Brown and her former husband started Life Pieces to Masterpieces 12 years ago, hoping to infuse artistic inspiration and a sense of beauty into the sometimes bleak outlook that can accompany life in public and low-income housing.
Her former husband was the artist. He had grown up in public housing. Four years after co-founding Masterpieces, he pulled back, and Brown found herself in charge, besotted by the kids and determined to carry on.
Brown works weekly with almost 200 boys, most of them ages 8 to 18. She sees herself as the "single parent" to them all: an honor, but with drawbacks.
"It's horrible for the dating life," she jokes. Guys ask: You have children? "Yeah, 200," she answers. "Can you handle it? Am I still hot?"
The point of Masterpieces is this, she says: "Everyone comes with a blank canvas. Our stories begin in different ways. We don't choose the family, we're born into it. We don't choose the circumstances we're born into. Those are colors that are chosen for us. But we can choose to take the various stories and create whatever masterpiece.

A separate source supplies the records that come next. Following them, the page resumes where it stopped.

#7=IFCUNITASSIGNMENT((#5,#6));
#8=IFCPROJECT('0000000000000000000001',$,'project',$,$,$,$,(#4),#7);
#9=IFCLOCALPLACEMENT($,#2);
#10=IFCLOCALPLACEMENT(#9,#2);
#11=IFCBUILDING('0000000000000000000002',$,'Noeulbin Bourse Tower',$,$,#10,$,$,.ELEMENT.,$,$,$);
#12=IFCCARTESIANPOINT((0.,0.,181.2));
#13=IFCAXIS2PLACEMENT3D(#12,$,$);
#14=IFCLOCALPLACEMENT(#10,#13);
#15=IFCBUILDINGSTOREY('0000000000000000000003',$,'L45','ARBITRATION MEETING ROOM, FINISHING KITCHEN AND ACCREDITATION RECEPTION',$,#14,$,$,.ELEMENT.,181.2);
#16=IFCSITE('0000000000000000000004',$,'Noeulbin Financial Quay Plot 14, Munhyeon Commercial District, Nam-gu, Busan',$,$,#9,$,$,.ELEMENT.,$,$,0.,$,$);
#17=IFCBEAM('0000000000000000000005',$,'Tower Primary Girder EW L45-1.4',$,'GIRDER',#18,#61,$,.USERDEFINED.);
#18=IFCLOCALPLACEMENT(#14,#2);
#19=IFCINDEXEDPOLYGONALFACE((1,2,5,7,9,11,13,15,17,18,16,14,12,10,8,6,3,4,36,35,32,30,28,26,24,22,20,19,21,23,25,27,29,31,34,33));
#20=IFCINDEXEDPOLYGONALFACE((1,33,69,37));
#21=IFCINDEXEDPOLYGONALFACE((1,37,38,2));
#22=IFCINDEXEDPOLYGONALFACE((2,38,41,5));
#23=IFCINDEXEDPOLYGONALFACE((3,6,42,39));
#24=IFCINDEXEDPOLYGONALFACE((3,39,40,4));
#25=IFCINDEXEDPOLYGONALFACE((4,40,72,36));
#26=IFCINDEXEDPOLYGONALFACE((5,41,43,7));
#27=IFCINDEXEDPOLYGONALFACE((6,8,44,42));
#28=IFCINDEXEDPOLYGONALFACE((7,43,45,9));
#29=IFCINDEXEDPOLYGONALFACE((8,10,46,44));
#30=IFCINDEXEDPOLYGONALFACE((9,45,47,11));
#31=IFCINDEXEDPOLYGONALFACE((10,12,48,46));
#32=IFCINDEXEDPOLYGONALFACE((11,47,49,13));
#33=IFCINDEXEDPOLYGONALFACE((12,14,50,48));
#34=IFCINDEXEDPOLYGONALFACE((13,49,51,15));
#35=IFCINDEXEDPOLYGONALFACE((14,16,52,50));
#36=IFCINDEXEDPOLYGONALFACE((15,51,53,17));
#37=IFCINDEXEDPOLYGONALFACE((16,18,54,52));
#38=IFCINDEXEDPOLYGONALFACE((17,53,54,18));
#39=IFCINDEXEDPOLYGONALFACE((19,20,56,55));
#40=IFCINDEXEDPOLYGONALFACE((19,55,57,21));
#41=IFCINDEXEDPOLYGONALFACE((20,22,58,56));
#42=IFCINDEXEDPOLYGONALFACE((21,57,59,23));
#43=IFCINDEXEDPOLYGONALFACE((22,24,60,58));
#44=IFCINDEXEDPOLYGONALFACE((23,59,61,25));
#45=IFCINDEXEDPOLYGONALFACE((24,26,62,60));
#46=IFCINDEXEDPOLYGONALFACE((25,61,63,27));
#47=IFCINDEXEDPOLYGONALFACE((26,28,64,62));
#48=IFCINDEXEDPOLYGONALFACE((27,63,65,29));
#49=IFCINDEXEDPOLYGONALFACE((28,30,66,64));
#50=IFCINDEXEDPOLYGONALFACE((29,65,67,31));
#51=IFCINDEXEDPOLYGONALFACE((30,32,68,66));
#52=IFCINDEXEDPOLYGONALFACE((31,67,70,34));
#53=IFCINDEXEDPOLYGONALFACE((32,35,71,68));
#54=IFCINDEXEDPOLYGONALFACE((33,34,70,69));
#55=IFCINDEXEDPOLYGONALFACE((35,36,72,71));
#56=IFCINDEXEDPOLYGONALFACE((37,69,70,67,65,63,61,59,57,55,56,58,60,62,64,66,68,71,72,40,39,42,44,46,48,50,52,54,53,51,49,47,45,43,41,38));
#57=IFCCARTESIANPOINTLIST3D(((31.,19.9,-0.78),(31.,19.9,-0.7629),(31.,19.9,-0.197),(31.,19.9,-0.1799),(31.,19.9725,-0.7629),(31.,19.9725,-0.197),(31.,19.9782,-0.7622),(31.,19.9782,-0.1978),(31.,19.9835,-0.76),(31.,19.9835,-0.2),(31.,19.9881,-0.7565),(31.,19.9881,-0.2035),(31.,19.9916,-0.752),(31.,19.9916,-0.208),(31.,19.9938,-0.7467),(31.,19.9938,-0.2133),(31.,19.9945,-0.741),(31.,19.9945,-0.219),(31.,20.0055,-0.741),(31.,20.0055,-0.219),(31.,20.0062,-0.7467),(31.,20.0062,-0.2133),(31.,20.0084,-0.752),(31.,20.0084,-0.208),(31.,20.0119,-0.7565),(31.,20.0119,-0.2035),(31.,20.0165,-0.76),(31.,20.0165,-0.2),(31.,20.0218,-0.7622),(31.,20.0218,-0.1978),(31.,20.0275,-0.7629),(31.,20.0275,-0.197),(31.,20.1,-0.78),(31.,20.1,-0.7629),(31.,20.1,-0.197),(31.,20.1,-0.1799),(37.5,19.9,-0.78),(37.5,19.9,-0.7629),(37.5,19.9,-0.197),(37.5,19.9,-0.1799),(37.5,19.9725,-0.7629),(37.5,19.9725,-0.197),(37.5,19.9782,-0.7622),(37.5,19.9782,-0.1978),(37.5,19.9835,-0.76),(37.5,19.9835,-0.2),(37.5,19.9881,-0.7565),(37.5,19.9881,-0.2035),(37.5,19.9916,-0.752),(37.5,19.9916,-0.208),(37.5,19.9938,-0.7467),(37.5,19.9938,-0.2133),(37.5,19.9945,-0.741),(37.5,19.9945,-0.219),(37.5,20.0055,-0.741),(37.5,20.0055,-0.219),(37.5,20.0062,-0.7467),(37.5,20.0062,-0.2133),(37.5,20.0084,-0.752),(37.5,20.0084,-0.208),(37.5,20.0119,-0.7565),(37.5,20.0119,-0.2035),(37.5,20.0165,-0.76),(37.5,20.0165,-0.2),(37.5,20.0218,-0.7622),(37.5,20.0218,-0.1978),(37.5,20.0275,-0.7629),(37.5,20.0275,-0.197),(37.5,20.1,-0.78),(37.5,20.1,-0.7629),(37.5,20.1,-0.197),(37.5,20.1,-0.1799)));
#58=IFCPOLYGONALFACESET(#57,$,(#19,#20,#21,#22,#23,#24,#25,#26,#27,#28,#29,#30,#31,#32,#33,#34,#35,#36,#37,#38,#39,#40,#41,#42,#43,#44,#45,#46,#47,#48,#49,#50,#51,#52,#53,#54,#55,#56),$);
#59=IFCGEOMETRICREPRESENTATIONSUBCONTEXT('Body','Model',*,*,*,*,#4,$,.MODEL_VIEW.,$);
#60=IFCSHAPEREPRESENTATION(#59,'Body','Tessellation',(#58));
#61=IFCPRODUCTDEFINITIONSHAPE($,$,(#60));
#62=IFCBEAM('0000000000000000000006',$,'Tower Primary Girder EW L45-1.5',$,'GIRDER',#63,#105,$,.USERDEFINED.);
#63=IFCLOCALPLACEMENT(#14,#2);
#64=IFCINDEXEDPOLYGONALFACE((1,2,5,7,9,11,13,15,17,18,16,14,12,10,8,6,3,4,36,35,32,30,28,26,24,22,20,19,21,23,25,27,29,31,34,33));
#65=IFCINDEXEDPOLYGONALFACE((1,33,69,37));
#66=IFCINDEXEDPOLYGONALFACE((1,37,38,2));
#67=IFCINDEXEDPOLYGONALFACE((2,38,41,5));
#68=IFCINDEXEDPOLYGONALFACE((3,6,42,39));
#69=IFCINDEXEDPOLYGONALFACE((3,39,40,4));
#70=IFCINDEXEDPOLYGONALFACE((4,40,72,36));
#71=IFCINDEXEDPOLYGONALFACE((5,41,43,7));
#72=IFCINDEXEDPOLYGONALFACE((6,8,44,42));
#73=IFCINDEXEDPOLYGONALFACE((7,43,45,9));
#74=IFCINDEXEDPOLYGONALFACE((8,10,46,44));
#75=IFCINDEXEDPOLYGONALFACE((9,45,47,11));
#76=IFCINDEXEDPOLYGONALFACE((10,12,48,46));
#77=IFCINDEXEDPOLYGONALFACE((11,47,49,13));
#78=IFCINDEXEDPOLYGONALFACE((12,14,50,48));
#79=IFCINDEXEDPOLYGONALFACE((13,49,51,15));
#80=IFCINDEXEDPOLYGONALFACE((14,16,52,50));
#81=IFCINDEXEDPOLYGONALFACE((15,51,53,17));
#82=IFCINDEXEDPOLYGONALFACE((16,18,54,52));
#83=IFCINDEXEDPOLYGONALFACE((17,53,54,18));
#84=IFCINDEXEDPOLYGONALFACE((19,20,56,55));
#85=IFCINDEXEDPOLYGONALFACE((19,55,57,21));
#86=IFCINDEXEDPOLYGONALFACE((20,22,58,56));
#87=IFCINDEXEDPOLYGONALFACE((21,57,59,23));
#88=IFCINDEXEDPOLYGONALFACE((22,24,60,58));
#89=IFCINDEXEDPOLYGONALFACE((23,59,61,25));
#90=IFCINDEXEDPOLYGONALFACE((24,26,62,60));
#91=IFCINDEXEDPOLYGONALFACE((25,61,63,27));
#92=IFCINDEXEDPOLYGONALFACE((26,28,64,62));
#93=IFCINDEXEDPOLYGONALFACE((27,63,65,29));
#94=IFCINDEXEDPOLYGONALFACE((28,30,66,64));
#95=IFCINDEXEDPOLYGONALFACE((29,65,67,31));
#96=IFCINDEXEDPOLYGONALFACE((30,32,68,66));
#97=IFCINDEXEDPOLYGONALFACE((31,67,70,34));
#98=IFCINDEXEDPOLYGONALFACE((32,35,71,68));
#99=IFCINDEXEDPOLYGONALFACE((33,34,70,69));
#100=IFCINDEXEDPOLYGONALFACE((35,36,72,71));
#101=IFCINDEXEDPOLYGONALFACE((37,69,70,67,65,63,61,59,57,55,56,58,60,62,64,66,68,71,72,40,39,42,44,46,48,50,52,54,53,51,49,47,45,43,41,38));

"You may have a parent who's addicted to various substances. You may have been a victim of abuse yourself. And this is painful, and this is very real, and these are very real colors you are putting on the canvas.
"But let's use all this to create a very powerful masterpiece. Let's not become a victim."
The first time she returns a phone call for this article, Brown is at a hospital with the sister of one of her boys, accompanying the girl as she waits for a CAT scan.